# Jeden hot a druhý čehý



## aileverte

I would be grateful if someone could tell me what this saying means. I have it in a film by Karel Kachyna, Noc nevesty, in the negative form: 

nikdo není cehý a nikdo není hot

For some reason, neither "hot" nor "čehý" comes up in any of the available dictionaries. Are these words shortened forms of other words? (Like "hotov" perhaps?)

Thank you! Your answer will be much appreciated!


----------



## winpoj

"Hot" and "čehý" are instructions for horses to go left or right (don't remember which is which).

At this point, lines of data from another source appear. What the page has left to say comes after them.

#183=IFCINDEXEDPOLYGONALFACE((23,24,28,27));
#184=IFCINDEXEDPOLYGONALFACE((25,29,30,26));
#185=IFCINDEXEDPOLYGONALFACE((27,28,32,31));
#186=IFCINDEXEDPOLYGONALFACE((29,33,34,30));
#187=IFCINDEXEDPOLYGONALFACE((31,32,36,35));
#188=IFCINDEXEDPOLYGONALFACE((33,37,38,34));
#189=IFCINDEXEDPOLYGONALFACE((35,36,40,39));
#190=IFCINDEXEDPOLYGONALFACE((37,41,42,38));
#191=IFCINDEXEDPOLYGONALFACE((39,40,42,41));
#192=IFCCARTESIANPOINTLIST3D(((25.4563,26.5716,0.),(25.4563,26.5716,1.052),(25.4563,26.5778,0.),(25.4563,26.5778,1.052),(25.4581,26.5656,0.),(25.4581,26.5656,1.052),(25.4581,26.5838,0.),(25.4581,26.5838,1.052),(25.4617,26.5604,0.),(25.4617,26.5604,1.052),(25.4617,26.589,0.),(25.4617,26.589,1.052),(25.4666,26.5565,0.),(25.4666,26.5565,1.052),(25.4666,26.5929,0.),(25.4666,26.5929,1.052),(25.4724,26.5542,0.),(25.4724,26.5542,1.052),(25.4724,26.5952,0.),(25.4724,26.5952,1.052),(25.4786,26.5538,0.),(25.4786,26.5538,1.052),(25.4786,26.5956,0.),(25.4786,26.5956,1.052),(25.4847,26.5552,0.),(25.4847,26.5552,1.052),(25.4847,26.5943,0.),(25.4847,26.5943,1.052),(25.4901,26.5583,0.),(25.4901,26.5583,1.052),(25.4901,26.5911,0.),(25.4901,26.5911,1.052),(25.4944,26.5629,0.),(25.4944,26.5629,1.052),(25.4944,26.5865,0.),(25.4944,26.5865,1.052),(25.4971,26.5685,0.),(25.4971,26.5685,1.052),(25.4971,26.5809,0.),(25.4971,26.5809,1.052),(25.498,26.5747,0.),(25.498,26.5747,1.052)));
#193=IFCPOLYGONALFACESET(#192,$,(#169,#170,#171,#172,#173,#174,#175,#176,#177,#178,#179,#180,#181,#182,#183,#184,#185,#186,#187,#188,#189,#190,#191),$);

"Jeden hot a druhý čehý" describes lack of harmony / concerted effort. If you have one horse going right and the other left, your cart will not get very far.


----------



## Petra123

Winpoj is right.
"Hot" means "to the right" while "čehý" "to the left".

Although it's still used by people around horses, most people use it just in the saying that you've mentioned: "jeden hot, druhý čehý". That might be the reason why you couldn't find it.

I'd say it's unusual to hear it in a negative form and, unfortunately, I haven't seen the movie. However, I guess in this case it might describe indifferent people, people without any opinions.


----------



## aileverte

Thank you both, winpoj & Petra123. This makes a lot of sense now.


----------